Garbage Collector questions

Hey Folks,

just started to implement the GC and have some questions:

The official Manual states this first:

The GC program cleans up two types of unused blocks:

Blocks that no library references to, that is, the blocks belong to deleted libraries;
If you set history length limit on some libraries, the out-dated blocks in those libraries will also be removed.

for me the first statement sounds like only deleted libraries are collected but not deleted files… this might be just a little wrong wording as I would expect this to also delete deleted files…

the second statement I don’t understand at all. It sound like file-versions older than 30 days in libraries that have versioning-limit of 30 days would be deleted?

Then a couples of lines later the Manual states this:

As described before, there are two types of garbage blocks to be removed. Sometimes just removing the first type of blocks (those that belong to deleted libraries) is good enough. In this case, the GC program won’t bother to check the libraries for outdated historic blocks. The “-r” option implements this feature:

seaf-gc.sh -r

again this sound like only deleted libraries are deleted… but what about files I delete?

and then there is the -r parameter, but does it add its functionaly or do I have to run GC with and without -r ?

Can someone explain me this more nicely?

Thanks alot
Michael

seaf-gc.sh will remove deleted libraries and files.

seaf-gc.sh -r will remove deleted libraries, deleted files and file versions older than your history settings. So if you set your history to 30 days it will remove all file versions older than 30 days.

I allways run seaf-gc.sh -r since it removes all unnecessary junk.

BR
Aco

2 Likes

much thanks mate !

I’m actually not sure if the answer is correct. In the manual it says -r does not cleanup versions, but it only deletes deleted libraries. And running it on my server confirms it. seaf-gc.sh -r only deletes deleted libraries.

While just seaf-gc.sh cleans up everything.

1 Like

maybe it helps to look at the seaf-gc.sh in some detail

Most likely it’s only a wrapper for some c/c++ program.

The manual is quite clear, put the -r if you want the garbage collector to not bother checking time constraints for library blocks.

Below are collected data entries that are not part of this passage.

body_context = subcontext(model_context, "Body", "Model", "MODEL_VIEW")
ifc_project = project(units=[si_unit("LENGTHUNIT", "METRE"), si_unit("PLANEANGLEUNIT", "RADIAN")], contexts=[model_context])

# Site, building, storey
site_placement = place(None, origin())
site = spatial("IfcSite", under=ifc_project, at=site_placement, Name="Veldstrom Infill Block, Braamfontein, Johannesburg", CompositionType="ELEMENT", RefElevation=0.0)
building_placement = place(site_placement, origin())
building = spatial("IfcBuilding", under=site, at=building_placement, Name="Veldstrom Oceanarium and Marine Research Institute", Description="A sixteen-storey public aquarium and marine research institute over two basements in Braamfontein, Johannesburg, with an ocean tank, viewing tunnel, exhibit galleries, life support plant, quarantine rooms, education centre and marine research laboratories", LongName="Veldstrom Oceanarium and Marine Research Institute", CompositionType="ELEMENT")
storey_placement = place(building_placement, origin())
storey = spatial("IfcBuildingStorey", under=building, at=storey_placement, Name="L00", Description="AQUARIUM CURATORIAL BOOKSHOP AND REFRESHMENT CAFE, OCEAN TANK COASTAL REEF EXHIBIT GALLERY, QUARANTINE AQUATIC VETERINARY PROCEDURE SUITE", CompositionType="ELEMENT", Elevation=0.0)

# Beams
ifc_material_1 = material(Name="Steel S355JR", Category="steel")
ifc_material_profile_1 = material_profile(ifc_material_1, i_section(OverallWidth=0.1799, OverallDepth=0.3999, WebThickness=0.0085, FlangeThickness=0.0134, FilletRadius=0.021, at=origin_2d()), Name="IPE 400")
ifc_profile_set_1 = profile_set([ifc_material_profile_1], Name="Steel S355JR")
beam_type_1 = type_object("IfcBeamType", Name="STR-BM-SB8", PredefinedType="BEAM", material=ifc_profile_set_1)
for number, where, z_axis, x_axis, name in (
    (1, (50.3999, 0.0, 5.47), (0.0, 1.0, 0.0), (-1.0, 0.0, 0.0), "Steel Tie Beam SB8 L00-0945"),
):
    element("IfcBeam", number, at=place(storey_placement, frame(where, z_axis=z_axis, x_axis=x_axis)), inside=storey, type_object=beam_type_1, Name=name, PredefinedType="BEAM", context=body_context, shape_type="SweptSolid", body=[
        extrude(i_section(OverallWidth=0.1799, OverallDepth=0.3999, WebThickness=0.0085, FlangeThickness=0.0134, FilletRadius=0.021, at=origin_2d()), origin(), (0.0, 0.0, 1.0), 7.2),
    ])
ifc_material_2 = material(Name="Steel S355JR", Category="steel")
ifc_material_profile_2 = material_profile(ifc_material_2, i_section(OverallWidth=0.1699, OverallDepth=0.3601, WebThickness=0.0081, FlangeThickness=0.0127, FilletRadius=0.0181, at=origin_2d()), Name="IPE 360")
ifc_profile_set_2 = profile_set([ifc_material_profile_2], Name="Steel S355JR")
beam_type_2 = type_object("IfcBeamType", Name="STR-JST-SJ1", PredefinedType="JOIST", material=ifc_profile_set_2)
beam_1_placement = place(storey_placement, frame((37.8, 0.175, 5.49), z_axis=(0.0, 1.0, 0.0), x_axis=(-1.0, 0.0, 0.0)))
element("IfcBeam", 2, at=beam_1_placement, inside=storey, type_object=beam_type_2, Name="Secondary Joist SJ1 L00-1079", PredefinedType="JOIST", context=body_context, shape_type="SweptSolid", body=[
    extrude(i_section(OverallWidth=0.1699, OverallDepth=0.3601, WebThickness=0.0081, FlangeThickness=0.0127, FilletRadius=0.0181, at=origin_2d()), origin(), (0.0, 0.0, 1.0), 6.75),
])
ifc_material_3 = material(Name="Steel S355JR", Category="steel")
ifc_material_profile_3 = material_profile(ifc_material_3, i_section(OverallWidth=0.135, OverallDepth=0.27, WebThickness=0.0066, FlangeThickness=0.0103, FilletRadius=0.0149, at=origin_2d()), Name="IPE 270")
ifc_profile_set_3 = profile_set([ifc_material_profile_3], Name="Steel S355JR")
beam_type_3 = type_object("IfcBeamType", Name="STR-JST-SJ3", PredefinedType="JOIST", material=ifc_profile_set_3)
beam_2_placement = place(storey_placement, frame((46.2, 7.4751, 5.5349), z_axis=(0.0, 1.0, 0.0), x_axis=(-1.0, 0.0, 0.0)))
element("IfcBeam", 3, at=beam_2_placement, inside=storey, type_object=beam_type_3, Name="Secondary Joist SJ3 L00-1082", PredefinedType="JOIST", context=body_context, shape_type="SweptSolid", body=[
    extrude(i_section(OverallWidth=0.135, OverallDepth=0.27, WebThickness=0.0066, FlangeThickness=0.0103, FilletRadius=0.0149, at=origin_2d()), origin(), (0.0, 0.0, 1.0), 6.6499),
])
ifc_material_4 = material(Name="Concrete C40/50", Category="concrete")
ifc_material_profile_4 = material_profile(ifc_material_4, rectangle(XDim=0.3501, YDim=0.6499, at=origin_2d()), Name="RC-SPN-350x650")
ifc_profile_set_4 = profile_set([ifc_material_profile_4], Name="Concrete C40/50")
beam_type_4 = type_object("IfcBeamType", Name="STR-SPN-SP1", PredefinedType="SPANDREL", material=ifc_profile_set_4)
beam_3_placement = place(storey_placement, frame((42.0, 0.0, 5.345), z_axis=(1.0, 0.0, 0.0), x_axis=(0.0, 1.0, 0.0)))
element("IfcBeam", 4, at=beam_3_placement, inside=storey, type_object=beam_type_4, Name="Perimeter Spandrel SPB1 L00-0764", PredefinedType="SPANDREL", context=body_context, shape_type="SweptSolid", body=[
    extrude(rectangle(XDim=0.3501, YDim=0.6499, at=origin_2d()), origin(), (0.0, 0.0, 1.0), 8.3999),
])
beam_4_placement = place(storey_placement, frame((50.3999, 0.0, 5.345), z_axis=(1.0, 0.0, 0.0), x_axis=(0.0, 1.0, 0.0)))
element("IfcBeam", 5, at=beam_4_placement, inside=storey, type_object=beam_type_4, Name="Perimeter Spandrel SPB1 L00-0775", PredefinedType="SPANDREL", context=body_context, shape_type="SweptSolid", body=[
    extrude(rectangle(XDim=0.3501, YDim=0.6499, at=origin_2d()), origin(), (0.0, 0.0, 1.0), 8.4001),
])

I think that its says the complete different:

“Sometimes just removing the first type of blocks (those that belong to deleted libraries) is good enough. In this case, the GC program won’t bother to check the libraries for outdated historic blocks. The “-r” option implements this feature”

Yes it says it’ll only deletes deleted libraries with the -r option, and it’s what it does.

Okay guys, I understand that this is not very interessting. Yet I want to get to an answer as this topic is still “warm”.

so after 3 Months of using Seafile, my storage filled up to 1,8 TB (while the Webinterface saying ~770 gb used)

  1. after running seafgc storage utilization went down to 940 GB
  2. after running seafgc -r storage utilization went down to 773 GB.

This is quite nice, yet opens more questions:

a) what happens to files/folders on libraries without version-history? are they not realy deleted and just moved into a users paperbin? do users have to goto the webinterface and delete stuff there finally?

b) what happens to files that are overdue to the libraries version-history? are they just marked for GC to be deleted in next run?

at this point I notice that Seafile would grow and grow, while never really deleting anything from the storage that a) users delete and b) run out of history, if the admin doesnot run GC… This is very important to understand and why isn’t GC part of the main installation-manual or linked to it with big red exclamation-mark in the manual with a IMPORTANT notice?

As I would like to run one command via cron every saturday or sunday, it still remains uncertain if seafgc.sh -r also contains seafgc.sh and I can therefor just use seafgc.sh -r as all-in-one solution.

One of the first comments here was exactly that seafgc.sh -r does it all, may that guy was correct.
Still I don’t really feel comtable not knowing what exactly to use. And I can not rollback my server and start with seafgc.sh -r and see if it goes down to 773 Gb right away. That test would have been nice, but its not possible anymore for me.

Hope you guys have the real answer to this.
kind regards,
Michael

With Seafile nothing is being deleted without the gc.

gc finds it out by itself.

I don’t understand what you mean by this.

seafgc.sh -r only deletes deleted libraries. seafgc.sh without -r cleans up everything that can be cleaned up.

That is wrong. It only removes deleted libraries.

1 Like

Yep I was wrong.

Seaf-gc.sh -r removes only Deleted libraries, and seaf-gc.sh without -r switch deletes everything it can be deleted.

Sorry for inconvenience.

BR
Babiloni

So to conclude, in a proper environment, as an admin you want to run two
Cronjobs. One without -r (maybe more often) and one with -r (maybe less often)

I will run both after each other.

Thanks to all for their contribution

With -r should never be required and without -r takes much more time, I wouldn’t run it too often. How often it is necessary depends on how much data is being changed, added and deleted and how much space you have.

On my server it runs once a month and the intervall works quite well.